Please enable JS

Vila Velha… novas histórias

No século XIX, Estácio da Veiga identificou diversos achados arqueológicos na “vila velha”, constituindo o primeiro levantamento arqueológico da vila de Mafra. Na sua obra “Antiguidades de Mafra” (1879) refere a presença de uma muralha em taipa na extremidade poente do Palácio dos Marqueses Ponte Lima, achados isolados (como um machado de pedra polida) e a existência de diversos silos na Rua das Tecedeiras (designados por este arqueólogo como tulhas).

Em 1997, iniciaram-se as primeiras intervenções arqueológicas sistemáticas em Mafra, com a escavação da necrópole medieval e moderna da Igreja de Santo André.

Volvidos 20 anos, em 2017, a construção da nova Unidade de Saúde, trouxe a possibilidade de escavar a denominada “Quinta da Cerca” (área pertencente ao Palácio dos Marqueses Ponte de Lima) e mudar para sempre o conhecimento sobre as origens desta vila. As investigações dos últimos anos permitiram aumentar a longevidade de Mafra.

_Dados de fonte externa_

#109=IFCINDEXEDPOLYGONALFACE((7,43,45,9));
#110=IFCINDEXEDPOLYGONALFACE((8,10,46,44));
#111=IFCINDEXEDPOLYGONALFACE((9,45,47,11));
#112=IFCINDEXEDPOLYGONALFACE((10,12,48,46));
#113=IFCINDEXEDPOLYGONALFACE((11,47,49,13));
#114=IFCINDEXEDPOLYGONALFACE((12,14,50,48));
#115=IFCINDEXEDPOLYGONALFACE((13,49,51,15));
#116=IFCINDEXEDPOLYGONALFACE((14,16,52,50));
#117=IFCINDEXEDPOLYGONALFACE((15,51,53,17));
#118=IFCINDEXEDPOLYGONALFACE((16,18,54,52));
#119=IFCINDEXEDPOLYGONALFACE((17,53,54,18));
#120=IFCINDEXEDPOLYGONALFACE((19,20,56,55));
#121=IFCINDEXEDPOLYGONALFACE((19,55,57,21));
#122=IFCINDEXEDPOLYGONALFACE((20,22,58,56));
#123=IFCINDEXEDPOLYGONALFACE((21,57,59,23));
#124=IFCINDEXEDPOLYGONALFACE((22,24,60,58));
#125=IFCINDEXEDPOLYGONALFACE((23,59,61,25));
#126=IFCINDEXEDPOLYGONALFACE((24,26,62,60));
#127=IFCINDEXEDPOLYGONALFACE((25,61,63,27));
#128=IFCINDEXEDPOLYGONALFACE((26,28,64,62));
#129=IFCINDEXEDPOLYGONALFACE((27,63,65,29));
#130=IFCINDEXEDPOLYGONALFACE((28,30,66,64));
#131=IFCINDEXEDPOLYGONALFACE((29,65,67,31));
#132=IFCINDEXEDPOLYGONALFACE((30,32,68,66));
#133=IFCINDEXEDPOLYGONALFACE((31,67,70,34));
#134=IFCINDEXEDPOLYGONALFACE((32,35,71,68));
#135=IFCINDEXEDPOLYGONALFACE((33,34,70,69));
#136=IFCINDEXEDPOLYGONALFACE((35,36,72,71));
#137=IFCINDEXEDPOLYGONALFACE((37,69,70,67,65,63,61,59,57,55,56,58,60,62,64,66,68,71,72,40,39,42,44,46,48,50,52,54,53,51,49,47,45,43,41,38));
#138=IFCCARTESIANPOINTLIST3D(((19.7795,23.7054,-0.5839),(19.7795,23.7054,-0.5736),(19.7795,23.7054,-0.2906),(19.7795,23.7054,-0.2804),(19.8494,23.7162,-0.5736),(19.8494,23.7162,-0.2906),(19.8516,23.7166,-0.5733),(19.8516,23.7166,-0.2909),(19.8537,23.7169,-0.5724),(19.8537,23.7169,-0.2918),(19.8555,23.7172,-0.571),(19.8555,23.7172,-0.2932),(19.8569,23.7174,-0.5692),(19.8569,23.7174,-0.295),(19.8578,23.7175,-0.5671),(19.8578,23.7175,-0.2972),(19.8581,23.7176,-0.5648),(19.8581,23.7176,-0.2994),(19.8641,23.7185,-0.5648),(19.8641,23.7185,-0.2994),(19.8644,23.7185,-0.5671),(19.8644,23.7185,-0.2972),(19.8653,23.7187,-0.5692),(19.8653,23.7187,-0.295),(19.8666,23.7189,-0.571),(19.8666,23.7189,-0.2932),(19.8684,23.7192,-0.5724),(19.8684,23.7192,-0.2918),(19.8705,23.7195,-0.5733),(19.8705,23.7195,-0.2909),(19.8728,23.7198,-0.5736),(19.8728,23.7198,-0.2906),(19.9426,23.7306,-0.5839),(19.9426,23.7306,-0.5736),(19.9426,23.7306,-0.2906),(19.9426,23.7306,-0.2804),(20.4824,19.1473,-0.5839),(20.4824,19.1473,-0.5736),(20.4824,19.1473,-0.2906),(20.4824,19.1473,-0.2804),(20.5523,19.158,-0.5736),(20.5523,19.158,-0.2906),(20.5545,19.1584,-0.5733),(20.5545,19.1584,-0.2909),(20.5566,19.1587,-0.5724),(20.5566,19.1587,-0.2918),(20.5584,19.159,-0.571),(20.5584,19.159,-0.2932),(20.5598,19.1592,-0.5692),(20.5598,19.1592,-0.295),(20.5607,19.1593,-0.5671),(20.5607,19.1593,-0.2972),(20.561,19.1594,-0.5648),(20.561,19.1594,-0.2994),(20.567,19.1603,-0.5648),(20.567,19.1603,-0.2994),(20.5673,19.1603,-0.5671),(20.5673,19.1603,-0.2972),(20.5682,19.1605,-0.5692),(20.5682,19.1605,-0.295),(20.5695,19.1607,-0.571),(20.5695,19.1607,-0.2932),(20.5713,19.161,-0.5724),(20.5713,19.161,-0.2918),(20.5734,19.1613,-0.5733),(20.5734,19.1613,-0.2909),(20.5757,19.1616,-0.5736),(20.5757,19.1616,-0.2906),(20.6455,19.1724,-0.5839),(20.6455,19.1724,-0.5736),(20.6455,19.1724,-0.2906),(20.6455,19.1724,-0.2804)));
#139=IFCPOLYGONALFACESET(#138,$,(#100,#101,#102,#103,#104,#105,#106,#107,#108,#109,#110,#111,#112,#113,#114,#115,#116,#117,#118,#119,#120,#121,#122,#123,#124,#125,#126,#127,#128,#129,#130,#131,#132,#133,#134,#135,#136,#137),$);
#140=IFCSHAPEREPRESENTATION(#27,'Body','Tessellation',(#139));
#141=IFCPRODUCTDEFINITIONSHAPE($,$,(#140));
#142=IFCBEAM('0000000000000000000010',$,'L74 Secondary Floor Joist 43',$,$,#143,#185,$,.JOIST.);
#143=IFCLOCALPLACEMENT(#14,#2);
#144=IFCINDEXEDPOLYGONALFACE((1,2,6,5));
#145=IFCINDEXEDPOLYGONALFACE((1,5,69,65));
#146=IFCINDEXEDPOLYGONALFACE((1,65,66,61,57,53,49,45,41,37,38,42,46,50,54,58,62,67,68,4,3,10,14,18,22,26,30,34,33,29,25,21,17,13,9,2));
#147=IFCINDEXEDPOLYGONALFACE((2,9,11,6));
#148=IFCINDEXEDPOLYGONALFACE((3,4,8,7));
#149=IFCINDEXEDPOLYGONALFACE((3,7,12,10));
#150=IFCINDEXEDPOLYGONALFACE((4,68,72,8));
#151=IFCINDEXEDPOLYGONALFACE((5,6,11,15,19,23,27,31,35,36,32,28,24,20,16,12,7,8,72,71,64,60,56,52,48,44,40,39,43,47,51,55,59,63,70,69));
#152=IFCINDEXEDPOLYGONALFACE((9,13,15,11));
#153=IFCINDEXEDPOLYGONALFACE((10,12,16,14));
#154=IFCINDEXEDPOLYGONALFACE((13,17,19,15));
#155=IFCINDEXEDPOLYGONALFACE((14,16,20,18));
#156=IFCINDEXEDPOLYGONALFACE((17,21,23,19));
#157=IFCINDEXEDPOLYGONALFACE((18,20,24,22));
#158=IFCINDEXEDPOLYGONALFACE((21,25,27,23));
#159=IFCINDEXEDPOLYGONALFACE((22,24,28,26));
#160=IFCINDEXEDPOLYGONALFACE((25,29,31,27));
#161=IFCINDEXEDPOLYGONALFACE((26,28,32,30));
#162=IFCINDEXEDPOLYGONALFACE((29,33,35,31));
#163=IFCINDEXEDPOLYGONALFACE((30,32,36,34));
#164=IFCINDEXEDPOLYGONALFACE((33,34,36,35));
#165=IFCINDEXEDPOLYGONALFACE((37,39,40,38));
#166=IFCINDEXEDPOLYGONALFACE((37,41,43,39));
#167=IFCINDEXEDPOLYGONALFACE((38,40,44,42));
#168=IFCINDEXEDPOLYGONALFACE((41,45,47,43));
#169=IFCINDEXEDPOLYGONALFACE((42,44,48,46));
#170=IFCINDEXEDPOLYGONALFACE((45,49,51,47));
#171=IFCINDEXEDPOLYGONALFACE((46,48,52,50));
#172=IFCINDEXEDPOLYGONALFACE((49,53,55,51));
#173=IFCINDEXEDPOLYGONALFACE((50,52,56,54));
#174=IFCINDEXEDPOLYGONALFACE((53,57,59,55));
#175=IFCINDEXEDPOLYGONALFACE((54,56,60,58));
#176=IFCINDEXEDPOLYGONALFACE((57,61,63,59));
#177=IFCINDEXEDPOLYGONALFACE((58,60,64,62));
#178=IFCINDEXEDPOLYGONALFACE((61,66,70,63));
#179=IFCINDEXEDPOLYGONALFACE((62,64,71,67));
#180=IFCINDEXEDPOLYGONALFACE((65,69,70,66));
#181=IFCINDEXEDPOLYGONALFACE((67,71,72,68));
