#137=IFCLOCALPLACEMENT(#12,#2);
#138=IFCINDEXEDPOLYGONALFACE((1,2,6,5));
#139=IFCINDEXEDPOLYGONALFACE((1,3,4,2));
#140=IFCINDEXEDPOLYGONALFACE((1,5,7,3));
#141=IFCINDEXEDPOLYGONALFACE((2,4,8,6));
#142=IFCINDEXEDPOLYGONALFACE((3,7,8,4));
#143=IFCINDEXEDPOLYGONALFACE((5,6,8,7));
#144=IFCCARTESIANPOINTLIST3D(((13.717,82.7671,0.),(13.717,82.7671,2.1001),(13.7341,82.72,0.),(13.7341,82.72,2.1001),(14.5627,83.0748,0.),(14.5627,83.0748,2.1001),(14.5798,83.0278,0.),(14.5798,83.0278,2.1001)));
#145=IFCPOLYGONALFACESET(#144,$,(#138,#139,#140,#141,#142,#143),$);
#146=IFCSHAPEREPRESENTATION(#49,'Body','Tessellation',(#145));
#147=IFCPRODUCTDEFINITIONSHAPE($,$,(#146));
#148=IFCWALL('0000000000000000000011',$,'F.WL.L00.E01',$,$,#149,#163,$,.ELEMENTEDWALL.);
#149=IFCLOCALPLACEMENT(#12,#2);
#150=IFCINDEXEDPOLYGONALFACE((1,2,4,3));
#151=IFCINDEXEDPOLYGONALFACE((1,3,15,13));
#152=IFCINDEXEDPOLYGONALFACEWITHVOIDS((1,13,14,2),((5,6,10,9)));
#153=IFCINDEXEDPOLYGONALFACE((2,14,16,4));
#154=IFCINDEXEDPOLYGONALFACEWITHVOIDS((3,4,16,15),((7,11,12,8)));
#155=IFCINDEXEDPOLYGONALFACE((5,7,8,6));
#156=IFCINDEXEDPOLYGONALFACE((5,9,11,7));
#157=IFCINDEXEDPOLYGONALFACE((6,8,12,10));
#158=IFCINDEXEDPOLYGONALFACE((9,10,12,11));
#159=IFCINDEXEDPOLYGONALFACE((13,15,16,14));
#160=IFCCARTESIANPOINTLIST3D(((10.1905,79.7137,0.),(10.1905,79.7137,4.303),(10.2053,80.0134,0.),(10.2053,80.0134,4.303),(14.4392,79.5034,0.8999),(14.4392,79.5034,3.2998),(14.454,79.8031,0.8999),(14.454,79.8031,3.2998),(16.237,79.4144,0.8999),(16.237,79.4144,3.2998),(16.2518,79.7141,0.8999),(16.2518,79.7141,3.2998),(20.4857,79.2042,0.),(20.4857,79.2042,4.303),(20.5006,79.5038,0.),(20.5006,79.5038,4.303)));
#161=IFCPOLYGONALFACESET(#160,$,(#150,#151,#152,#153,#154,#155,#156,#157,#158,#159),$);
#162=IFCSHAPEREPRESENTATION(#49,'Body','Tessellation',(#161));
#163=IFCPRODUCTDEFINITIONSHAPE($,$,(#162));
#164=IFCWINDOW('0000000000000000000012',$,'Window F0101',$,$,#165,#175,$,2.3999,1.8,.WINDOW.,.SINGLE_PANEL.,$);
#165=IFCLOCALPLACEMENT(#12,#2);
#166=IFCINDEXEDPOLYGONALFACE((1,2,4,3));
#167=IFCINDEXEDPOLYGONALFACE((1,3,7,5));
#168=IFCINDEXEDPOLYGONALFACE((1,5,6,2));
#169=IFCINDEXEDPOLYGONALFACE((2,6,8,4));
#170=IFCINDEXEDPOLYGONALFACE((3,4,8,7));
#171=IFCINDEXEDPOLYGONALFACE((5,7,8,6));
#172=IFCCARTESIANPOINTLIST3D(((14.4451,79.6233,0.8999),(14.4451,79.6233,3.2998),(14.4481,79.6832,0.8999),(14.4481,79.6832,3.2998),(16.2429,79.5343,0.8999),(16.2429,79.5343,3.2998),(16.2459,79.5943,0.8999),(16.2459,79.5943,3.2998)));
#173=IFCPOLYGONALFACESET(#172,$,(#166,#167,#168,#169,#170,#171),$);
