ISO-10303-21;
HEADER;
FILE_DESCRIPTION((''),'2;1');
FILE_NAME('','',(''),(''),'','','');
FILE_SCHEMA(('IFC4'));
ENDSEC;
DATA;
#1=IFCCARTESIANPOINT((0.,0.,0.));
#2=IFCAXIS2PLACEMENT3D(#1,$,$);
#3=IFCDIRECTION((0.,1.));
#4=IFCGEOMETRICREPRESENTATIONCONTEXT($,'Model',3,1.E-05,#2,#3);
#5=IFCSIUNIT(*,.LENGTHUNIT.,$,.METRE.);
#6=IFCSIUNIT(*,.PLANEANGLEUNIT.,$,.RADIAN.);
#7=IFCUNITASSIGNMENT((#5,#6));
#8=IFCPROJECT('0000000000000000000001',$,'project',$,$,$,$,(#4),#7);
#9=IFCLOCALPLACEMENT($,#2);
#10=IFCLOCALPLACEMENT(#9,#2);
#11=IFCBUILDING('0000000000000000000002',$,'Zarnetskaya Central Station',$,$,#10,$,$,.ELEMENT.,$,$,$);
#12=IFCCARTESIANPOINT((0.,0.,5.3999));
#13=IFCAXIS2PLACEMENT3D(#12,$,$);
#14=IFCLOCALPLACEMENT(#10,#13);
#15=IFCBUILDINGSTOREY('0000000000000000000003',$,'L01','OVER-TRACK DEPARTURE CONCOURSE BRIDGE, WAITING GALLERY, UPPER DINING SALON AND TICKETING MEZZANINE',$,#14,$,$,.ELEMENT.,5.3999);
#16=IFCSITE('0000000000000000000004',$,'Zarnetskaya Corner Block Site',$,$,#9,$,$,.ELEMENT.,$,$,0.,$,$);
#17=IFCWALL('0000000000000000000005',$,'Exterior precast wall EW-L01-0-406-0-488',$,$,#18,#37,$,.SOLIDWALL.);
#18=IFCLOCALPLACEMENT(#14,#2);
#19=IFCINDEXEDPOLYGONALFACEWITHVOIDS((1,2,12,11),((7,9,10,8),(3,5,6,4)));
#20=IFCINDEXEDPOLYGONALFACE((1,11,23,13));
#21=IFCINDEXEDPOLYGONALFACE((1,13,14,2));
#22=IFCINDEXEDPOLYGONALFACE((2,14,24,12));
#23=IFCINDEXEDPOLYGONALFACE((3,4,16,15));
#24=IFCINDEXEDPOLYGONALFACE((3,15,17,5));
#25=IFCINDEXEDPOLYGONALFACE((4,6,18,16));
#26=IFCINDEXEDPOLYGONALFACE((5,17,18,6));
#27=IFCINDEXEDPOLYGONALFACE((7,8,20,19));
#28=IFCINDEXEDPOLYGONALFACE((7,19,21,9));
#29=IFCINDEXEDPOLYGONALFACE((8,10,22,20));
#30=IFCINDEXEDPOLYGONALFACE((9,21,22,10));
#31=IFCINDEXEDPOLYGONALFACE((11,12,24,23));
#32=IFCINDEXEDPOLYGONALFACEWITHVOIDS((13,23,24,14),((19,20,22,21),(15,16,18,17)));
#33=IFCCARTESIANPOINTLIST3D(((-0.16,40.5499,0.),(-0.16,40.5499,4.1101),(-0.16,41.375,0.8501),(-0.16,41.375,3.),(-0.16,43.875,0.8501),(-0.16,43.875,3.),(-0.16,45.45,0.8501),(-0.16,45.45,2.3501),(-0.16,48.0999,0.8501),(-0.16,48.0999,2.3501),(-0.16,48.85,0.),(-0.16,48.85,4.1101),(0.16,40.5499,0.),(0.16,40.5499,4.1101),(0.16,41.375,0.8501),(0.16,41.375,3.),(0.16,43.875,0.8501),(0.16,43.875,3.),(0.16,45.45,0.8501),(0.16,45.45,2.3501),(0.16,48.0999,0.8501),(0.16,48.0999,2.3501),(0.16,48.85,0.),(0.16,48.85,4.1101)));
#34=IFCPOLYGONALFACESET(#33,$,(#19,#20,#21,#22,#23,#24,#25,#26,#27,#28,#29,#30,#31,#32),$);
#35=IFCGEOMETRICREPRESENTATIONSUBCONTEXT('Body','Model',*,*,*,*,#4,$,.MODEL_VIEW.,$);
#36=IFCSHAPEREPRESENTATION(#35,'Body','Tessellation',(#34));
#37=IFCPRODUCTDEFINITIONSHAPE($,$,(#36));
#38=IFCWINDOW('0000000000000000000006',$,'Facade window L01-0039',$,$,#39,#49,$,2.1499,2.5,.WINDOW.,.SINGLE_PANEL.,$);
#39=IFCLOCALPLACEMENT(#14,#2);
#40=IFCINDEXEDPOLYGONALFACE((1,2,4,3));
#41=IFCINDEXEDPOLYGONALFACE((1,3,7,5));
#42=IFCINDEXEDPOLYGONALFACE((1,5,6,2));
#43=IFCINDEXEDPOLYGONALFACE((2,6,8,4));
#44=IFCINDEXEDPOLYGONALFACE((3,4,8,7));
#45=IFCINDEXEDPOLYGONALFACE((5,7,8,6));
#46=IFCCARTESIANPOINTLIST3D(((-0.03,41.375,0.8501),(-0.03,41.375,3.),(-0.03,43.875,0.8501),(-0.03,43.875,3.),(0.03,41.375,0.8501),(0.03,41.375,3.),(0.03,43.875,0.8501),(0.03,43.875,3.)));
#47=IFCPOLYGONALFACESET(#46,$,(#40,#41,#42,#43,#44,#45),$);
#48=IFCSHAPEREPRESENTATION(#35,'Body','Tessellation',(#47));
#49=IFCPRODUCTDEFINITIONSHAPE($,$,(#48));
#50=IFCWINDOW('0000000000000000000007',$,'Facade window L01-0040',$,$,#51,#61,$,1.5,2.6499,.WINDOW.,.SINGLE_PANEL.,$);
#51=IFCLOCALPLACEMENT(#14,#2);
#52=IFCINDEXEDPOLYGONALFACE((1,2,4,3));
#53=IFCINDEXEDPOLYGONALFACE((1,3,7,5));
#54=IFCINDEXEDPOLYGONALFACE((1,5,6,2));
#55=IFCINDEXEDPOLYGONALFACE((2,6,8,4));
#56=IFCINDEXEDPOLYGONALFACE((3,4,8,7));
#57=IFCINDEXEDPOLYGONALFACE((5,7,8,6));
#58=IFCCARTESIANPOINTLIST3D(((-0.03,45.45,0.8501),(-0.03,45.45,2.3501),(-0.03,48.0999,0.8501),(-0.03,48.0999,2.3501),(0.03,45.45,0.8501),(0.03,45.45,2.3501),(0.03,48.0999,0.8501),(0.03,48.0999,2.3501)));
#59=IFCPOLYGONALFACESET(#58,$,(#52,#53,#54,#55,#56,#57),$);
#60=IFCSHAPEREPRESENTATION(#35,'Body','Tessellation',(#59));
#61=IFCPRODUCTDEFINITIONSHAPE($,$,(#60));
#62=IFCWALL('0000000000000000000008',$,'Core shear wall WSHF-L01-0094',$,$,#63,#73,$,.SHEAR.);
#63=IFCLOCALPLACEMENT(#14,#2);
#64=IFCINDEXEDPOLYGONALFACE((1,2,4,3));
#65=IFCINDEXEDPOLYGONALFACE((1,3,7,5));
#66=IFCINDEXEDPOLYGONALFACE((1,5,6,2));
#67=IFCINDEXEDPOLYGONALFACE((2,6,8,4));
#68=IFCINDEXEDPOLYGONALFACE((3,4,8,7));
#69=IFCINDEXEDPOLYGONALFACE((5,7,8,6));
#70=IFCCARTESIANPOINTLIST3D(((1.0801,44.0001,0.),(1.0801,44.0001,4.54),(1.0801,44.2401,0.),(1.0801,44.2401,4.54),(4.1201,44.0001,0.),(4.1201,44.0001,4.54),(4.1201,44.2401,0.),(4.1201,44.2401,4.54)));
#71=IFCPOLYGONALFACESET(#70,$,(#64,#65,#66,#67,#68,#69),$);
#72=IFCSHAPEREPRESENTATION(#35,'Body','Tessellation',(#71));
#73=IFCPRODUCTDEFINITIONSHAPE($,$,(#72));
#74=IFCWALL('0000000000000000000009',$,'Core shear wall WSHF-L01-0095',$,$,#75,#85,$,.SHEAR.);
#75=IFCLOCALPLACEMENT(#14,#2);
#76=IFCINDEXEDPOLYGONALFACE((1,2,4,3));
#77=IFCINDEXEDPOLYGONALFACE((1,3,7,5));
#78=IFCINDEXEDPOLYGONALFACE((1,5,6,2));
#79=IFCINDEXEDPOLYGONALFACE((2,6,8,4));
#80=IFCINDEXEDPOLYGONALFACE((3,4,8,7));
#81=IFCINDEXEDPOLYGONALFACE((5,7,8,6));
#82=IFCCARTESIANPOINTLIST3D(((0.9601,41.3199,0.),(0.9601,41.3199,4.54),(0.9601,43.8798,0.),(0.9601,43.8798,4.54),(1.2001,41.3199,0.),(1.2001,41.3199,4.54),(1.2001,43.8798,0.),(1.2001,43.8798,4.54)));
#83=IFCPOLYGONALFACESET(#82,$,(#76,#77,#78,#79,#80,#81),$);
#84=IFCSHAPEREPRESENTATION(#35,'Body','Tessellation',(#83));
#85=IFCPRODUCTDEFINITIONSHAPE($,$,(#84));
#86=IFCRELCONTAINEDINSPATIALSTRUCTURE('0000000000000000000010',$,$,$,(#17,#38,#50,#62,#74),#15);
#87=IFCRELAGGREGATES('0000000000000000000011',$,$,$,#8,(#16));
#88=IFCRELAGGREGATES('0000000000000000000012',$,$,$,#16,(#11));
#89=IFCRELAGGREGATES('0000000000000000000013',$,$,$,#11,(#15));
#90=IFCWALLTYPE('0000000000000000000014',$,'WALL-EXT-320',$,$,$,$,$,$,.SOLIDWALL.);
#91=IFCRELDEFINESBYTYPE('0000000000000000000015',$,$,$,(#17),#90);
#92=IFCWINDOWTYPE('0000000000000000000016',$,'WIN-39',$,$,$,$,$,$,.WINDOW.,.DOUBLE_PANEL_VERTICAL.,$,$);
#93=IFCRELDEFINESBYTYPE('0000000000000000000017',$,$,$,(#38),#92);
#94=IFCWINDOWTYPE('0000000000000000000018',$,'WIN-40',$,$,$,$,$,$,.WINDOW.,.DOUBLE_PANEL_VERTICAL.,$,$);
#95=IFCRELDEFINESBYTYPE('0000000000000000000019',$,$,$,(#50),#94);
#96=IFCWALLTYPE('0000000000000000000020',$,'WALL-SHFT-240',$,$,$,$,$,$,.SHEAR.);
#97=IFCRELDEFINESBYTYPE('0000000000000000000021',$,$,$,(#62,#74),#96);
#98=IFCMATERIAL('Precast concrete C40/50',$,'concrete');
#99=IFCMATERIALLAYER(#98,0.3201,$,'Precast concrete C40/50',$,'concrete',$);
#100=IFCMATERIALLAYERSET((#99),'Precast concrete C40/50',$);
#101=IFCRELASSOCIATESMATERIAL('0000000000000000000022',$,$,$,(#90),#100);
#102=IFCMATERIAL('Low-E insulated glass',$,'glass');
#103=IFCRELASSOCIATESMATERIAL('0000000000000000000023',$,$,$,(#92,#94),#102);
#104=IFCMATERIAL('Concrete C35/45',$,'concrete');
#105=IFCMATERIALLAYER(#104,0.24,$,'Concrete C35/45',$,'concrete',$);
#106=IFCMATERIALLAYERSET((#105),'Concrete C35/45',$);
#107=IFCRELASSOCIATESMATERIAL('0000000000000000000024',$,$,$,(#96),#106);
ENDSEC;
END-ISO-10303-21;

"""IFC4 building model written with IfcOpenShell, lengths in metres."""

from ifc_helpers import new_model, si_unit, direction, frame, frame_2d, origin, place, context, subcontext, project, spatial, rectangle, extrude, material, layer, layer_set, type_object, element, fill, save


model = new_model("IFC4")

# Units and contexts
model_context = context("Model", 3, precision=1e-05, world=origin(), true_north=direction((0.0, 1.0)))
body_context = subcontext(model_context, "Body", "Model", "MODEL_VIEW")
ifc_project = project(units=[si_unit("LENGTHUNIT", "METRE"), si_unit("PLANEANGLEUNIT", "RADIAN")], contexts=[model_context])

# Site, building, storey
site_placement = place(None, origin())
site = spatial("IfcSite", under=ifc_project, at=site_placement, Name="Zarnetskaya Corner Block Site", CompositionType="ELEMENT", RefElevation=0.0)
building_placement = place(site_placement, origin())
building = spatial("IfcBuilding", under=site, at=building_placement, Name="Zarnetskaya Central Station", CompositionType="ELEMENT")
storey_placement = place(building_placement, frame((0.0, 0.0, 5.3999)))
storey = spatial("IfcBuildingStorey", under=building, at=storey_placement, Name="L01", Description="OVER-TRACK DEPARTURE CONCOURSE BRIDGE, WAITING GALLERY, UPPER DINING SALON AND TICKETING MEZZANINE", CompositionType="ELEMENT", Elevation=5.3999)

# Shared definitions
ifc_material_1 = material(Name="Low-E insulated glass", Category="glass")

# Shared definitions
ifc_material_2 = material(Name="Concrete C35/45", Category="concrete")

# Wall, openings, windows
ifc_material_3 = material(Name="Precast concrete C40/50", Category="concrete")
ifc_layer_1 = layer(ifc_material_3, 0.3201, Name="Precast concrete C40/50", Category="concrete")
ifc_layer_set_1 = layer_set([ifc_layer_1], Name="Precast concrete C40/50")
wall_type_1 = type_object("IfcWallType", Name="WALL-EXT-320", PredefinedType="SOLIDWALL", material=ifc_layer_set_1)
wall_1_placement = place(storey_placement, frame((0.0, 40.55, 0.0), z_axis=(0.0, 0.0, 1.0), x_axis=(0.0, 1.0, 0.0)))
wall_1 = element("IfcWall", 1, at=wall_1_placement, inside=storey, type_object=wall_type_1, Name="Exterior precast wall EW-L01-0-406-0-488", PredefinedType="SOLIDWALL", context=body_context, shape_type="SweptSolid", body=[
    extrude(rectangle(XDim=8.3, YDim=0.3201, at=frame_2d((4.1499, 0.0))), origin(), (0.0, 0.0, 1.0), 4.1101),
])
opening_1_placement = place(wall_1_placement, frame((0.825, 0.0, 0.8501)))
opening_1 = element("IfcOpeningElement", 2, at=opening_1_placement, cuts=wall_1, PredefinedType="OPENING", context=body_context, shape_type="SweptSolid", body=[
    extrude(rectangle(XDim=2.5, YDim=2.1499, at=frame_2d((1.25, 1.075))), frame((0.0, 0.1699, 0.0), z_axis=(0.0, -1.0, 0.0), x_axis=(1.0, 0.0, 0.0)), (0.0, 0.0, 1.0), 0.3401),
])
opening_2_placement = place(wall_1_placement, frame((4.8999, 0.0, 0.8501)))
opening_2 = element("IfcOpeningElement", 3, at=opening_2_placement, cuts=wall_1, PredefinedType="OPENING", context=body_context, shape_type="SweptSolid", body=[
    extrude(rectangle(XDim=2.6499, YDim=1.5, at=frame_2d((1.325, 0.75))), frame((0.0, 0.1699, 0.0), z_axis=(0.0, -1.0, 0.0), x_axis=(1.0, 0.0, 0.0)), (0.0, 0.0, 1.0), 0.3401),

Uma vila que se sabia medieval, passou a remontar (comprovadamente) à Idade do Bronze, com a descoberta de uma casa com 3000 anos (2017). A identificação de vestígios avulsos de materiais neolíticos e calcolíticos, parece indicar a presença de comunidades pré-históricas, no entanto não existem (ainda) dados suficientes para a corroborar.

Os momentos anteriores à ocupação romana (segunda Idade do Ferro) foram identificados em 2020, através da deteção de um forno situado na vertente a noroeste do Palácio dos Marqueses e, possivelmente, relacionado com um núcleo populacional que não foi encontrado, até ao momento. Na área anexa ao forno, foram identificadas estruturas murárias da Antiguidade Tardia (séc. V-VII).

Também o período medieval ficou enriquecido com estes últimos trabalhos, com a identificação (e escavação) de um vasto conjunto de silos, o que veio testemunhar a presença islâmica nesta terra, e a que Estácio da Veiga já tinha feito referência – as tulhas. Algumas encontradas exatamente onde ele as refere – a Rua das Tecedeiras – e outras identificadas numa área sem intervenções anteriores, provavelmente no exterior do casco antigo.

No entanto, ficou ainda por confirmar (arqueologicamente) a existência do Castelo de Mafra, tão referido nas fontes históricas.